As described in Part 1 of this series, storage performance can play a huge role in the efficiency and throughput of the chip design process. Part 2 describes the impact that Pure Storage® FlashBlade™ is having in the industry and the very significant advantages customers are seeing in quality, productivity, and cost.
Today, FlashBlade is being deployed in numerous top-tier chip development environments.
Tales From the Field
One of our larger customers has an EDA compute grid of over 200,000 cores and has estimated FlashBlade powers an additional 200,000,000 simulations a year!
This has far reaching implications for this customer, some of which include:
- Higher design quality and more in-parallel design work.
- 20% improvement in utilization of compute grid. This is a productivity improvement that is the equivalent of adding 40,000 cores to the grid (~ 2000 servers).
- Greatly increased ROI on the huge investment in EDA licenses. (The EDA license cost can be 5x to 10x the IT infrastructure annual spend.)
- Savings on storage. FlashBlade supports in-line compression and has an average compression ratio of EDA data of 2:1. This customer effectively doubled the ROI on their FlashBlade investment.
As a result of this success, the organization is deploying FlashBlade for all aspects of its chip-design process in all geographies, without segmenting workloads between storage devices.
The reason they can do this is the unique ability of FlashBlade to efficiently handle different types of I/O concurrently, including lots of small files with a large amount of metadata, which is common in logic design and simulation, and huge multi-GB or TB files, which frequently occur in the physical design stages of the chip design process.

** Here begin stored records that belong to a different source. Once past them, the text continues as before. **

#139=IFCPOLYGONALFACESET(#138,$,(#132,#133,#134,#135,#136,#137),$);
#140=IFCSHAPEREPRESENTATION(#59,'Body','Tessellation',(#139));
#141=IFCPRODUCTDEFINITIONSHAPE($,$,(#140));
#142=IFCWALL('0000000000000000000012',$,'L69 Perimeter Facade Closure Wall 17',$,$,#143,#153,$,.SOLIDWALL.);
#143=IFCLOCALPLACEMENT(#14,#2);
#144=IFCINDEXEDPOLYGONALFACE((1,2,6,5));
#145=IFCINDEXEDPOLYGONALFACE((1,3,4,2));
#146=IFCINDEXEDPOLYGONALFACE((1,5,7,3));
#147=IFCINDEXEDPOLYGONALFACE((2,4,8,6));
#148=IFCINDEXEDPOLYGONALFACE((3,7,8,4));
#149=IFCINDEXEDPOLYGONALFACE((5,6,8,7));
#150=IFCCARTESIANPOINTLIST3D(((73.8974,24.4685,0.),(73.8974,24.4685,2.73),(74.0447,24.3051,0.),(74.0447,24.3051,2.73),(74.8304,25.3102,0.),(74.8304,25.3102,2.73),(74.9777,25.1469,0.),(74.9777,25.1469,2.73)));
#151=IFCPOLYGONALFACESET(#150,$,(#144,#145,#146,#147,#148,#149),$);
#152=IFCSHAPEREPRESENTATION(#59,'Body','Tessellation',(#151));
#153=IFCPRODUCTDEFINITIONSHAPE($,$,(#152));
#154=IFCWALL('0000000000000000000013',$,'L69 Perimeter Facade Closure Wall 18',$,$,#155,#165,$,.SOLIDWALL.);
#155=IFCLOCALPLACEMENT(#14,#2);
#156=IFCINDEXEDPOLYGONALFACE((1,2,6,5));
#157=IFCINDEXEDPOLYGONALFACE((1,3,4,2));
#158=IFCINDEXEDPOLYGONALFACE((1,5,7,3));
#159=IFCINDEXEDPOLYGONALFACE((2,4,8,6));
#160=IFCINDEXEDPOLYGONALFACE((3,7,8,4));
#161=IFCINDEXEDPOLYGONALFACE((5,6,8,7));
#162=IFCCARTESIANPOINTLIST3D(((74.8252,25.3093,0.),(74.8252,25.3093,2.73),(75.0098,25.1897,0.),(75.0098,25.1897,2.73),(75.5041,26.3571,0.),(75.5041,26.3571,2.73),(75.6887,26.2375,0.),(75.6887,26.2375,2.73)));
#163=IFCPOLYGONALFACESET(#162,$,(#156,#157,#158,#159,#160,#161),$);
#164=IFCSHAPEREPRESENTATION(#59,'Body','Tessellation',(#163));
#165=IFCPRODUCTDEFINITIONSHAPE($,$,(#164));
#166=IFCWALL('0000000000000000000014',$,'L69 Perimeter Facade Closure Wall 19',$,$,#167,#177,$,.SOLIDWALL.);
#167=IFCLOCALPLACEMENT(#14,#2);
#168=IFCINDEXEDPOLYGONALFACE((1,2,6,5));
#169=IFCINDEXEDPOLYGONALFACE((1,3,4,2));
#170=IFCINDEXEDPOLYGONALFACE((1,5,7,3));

Another FlashBlade EDA customer who creates chip design software reported a greater than 10x run time improvement of their highly concurrent software build and regression workload — with runtimes repeatedly decreasing from 6 hours to 20 minutes. The result has been greatly improved the ability to identify and fix code issues and deliver higher-quality products.
AI Deployments
Many chip-design companies are now designing AI training (also referred to as inferencing systems or blocks), and thus introducing AI workloads into their environments.
The workloads for these applications are very storage intensive and can have a huge impact on run time. Traditionally, AI and machine learning engineers try to copy data to local SSDs to do their training. However, moving data around can be very expensive.
For example, if you tried to copy 10TB of data into a locally attached SSD array over 10 Gb/s network, the ideal transfer time (assuming they are huge files) would be more than 2 hours.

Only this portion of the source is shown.